Autism is a more common term used for Autism Spectrum Disorders (ASD).
Autism is a syndrome, which means it’s identified by a group of signs and symptoms that together are characteristic of the disorder. It is referred to as a spectrum disorder because children are affected by it in varying degrees that occur across a spectrum—from mild to moderate to severe in several different categories.
Not all children with autism have the same level of functioning.
There are two major forms of autism, depending upon when the disorder manifests itself. Infantile autism refers to those children who show signs of autism at birth and fail to meet few or any developmental milestones. Regressive autism refers to children who develop normally until they are about 18 months old, then progress is halted and they begin to regress. They may learn a few words and be socially interactive, then cut back or stop altogether.

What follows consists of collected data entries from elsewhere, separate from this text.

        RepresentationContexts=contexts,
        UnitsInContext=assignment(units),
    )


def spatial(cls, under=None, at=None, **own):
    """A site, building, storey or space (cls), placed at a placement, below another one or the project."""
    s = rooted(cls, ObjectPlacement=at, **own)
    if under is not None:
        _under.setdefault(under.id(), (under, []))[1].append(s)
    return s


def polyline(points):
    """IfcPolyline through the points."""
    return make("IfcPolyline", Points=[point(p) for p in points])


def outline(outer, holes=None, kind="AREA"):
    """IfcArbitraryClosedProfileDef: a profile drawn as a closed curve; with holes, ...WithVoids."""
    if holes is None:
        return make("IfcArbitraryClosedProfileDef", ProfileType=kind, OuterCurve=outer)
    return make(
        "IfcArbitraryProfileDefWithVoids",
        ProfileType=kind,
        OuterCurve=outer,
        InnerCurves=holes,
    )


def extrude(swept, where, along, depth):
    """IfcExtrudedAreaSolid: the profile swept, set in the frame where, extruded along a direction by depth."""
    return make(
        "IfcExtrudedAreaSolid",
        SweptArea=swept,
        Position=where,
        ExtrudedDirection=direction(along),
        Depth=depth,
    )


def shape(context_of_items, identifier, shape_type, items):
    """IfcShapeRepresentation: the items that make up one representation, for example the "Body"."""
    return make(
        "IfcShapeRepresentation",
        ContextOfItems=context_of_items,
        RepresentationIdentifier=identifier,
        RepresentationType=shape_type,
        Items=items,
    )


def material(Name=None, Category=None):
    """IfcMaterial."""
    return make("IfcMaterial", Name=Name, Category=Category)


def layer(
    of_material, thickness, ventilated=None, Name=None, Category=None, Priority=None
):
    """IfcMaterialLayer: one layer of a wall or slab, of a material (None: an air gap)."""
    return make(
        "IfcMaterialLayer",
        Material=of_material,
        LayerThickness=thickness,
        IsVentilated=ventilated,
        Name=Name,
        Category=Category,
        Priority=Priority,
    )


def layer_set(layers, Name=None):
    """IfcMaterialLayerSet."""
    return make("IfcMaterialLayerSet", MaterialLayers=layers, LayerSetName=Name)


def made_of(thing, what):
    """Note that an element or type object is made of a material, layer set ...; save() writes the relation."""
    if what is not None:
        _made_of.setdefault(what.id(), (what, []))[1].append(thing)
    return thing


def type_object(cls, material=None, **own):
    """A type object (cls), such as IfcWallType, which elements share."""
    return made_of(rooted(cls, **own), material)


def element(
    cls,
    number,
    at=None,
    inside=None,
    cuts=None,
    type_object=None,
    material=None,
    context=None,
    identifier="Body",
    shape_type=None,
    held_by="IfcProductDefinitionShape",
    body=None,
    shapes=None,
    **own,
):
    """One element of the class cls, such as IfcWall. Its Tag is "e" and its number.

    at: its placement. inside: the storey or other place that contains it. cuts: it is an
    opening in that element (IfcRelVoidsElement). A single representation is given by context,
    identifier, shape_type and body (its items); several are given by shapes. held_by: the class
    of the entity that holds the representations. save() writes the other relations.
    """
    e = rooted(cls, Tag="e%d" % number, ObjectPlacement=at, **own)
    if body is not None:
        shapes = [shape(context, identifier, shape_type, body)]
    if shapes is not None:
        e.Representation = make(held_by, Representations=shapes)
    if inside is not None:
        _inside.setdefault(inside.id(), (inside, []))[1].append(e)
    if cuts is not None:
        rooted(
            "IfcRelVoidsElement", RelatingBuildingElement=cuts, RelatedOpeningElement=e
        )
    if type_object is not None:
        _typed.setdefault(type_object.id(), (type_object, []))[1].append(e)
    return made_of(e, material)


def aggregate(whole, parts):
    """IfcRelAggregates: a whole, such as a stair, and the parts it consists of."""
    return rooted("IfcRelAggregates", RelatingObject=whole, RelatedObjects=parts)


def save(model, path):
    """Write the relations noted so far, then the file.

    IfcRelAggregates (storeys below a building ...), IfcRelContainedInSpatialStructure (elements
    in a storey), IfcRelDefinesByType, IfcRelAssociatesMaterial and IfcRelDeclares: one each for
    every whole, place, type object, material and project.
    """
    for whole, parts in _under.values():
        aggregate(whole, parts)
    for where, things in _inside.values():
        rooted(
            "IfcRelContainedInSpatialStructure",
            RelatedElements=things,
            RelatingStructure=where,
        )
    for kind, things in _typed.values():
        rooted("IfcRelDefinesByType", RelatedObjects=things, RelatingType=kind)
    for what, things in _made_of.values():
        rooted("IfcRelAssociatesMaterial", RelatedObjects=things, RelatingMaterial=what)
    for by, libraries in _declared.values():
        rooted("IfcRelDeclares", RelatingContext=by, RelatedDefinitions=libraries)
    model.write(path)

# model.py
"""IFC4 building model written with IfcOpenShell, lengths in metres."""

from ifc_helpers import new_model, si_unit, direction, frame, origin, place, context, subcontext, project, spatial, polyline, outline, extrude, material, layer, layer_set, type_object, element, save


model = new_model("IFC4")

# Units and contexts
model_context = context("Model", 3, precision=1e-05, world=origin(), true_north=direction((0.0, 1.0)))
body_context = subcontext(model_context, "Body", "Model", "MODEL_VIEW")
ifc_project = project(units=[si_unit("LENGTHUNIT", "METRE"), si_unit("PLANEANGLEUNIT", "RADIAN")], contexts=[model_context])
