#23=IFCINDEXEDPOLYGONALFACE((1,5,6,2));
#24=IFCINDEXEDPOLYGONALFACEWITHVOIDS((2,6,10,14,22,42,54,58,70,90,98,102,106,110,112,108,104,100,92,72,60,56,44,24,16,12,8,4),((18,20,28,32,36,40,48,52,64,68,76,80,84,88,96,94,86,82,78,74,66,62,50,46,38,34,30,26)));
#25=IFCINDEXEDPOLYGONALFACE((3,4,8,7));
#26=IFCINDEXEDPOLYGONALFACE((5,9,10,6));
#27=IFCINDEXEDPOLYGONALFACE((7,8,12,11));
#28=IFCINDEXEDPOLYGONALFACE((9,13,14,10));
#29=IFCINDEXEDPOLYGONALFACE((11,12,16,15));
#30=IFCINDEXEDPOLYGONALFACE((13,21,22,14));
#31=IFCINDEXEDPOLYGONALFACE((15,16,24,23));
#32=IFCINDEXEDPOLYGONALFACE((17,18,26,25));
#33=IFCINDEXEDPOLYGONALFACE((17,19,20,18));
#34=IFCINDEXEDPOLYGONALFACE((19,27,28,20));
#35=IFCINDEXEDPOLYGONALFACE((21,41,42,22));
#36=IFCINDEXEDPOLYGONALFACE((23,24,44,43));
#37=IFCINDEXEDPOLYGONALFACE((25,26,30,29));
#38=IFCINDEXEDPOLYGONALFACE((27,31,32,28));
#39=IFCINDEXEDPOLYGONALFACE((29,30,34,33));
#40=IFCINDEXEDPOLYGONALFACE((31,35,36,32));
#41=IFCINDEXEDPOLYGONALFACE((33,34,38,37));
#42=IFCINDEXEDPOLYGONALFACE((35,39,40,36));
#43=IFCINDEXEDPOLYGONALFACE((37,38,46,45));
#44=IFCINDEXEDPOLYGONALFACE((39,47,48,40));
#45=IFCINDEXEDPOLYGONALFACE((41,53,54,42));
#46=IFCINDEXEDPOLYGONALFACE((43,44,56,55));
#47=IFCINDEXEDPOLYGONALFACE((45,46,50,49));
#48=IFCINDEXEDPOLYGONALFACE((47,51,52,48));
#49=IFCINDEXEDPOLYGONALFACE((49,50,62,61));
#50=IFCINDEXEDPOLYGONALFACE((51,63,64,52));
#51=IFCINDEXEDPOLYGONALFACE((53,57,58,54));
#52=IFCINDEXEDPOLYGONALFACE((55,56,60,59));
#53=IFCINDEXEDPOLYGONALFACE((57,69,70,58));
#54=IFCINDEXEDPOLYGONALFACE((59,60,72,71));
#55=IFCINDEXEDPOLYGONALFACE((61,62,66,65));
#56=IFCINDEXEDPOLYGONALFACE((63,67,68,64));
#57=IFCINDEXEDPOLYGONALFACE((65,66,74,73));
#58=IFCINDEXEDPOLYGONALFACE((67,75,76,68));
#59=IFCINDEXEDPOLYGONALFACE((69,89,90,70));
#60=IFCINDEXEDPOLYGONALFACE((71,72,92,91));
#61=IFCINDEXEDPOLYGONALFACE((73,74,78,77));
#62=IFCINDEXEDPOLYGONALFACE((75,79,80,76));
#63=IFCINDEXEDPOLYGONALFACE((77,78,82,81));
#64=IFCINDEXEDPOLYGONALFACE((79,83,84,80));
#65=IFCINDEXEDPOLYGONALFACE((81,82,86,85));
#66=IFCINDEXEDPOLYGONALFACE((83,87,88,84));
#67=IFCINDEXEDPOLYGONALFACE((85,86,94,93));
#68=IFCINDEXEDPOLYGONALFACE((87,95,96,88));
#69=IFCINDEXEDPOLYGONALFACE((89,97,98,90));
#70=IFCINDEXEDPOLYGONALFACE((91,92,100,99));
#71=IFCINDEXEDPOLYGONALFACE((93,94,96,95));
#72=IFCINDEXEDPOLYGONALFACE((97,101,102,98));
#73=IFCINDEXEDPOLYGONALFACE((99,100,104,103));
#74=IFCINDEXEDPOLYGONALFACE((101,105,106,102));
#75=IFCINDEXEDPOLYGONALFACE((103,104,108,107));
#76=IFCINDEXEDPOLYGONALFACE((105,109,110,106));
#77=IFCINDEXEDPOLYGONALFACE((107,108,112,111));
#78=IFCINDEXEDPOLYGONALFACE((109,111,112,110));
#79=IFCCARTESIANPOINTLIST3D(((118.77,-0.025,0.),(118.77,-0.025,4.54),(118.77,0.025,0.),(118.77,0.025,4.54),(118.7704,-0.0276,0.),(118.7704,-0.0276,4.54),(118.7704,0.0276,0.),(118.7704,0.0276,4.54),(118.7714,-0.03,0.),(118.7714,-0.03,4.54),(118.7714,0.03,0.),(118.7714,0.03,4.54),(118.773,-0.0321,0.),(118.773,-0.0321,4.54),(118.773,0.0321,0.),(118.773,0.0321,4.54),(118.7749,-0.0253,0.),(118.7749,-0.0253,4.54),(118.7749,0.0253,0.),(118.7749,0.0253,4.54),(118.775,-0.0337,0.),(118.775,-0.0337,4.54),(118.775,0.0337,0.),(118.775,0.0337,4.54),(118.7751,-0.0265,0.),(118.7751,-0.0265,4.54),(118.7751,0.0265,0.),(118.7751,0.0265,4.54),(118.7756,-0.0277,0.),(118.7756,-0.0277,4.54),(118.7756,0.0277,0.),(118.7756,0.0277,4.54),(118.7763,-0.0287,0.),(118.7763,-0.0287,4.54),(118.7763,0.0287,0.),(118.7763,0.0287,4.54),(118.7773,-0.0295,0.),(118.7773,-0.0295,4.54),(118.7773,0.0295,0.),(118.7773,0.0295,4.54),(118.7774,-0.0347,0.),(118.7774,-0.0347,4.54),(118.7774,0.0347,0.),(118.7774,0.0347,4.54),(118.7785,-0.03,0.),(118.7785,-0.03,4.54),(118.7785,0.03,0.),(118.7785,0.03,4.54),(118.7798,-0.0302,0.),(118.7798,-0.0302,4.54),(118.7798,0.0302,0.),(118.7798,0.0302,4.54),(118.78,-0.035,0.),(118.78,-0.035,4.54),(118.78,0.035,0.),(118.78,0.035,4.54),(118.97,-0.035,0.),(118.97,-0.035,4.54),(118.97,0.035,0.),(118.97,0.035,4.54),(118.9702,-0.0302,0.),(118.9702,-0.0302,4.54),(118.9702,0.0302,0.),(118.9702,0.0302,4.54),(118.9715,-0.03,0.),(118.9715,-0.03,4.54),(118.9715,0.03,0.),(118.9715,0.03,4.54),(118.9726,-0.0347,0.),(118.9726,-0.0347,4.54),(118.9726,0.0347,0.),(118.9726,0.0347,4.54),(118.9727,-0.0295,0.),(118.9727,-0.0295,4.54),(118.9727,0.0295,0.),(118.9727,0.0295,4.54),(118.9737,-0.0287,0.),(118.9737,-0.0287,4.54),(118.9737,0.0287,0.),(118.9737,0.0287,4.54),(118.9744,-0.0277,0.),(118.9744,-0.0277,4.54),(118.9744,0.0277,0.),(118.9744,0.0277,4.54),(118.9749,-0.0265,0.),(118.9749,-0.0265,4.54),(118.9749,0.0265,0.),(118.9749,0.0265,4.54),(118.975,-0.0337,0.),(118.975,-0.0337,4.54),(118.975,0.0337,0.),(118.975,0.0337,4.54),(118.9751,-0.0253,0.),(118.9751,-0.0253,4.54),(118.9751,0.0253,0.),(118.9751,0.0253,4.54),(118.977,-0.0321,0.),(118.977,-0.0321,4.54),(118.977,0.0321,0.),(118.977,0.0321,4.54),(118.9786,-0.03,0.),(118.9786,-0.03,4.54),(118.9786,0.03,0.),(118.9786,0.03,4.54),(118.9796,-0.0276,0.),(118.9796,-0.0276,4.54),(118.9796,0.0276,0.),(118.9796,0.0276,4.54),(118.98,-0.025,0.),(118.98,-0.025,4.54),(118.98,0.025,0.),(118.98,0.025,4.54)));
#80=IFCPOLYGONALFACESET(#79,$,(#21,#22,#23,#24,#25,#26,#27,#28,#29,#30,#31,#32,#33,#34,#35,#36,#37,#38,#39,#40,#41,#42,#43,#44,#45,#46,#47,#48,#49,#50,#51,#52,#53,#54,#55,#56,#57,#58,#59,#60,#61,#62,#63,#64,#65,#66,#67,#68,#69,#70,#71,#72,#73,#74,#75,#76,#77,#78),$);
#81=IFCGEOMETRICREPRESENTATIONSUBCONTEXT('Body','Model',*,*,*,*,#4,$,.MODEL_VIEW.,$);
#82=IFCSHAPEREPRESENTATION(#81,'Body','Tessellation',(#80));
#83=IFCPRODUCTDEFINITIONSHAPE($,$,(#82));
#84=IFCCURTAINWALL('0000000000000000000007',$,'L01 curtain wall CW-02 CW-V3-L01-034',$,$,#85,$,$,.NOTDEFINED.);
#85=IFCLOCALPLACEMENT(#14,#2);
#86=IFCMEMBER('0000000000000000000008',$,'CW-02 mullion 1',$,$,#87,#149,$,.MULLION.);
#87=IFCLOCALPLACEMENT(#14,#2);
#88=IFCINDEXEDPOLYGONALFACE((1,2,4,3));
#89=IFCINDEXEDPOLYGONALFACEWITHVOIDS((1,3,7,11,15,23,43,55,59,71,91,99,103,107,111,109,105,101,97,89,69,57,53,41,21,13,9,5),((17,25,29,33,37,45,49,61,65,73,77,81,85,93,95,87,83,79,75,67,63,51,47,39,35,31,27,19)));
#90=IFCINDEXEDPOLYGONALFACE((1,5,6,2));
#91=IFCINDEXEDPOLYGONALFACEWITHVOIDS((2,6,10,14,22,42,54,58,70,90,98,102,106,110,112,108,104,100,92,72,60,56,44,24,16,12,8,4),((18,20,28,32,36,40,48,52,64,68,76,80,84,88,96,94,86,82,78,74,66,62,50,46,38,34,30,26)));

Autism is defined by a set of behaviors that are developmentally delayed, including delays in socialization and communication along with repetitive and/or aggressive behaviors. Children may exhibit a lack of social skills and interest in playing with friends, limitations with regard to communication skills such as talking and pointing, excessive aggression and temper tantrums, as well as self-stimulating and repetitive behaviors like flapping or wringing the hands. Some or all of these behaviors may be present and occur at varying degrees.
Most children with autism are slow to acquire new knowledge or skills. Some kids have signs of lower than normal intelligence while others have average or high intelligence. Intelligent children with autism may learn quickly but have trouble communicating, applying what they know to everyday life, and adjusting to social situations. Again, each child is different with regard to how autism is expressed as well as how he or she progresses.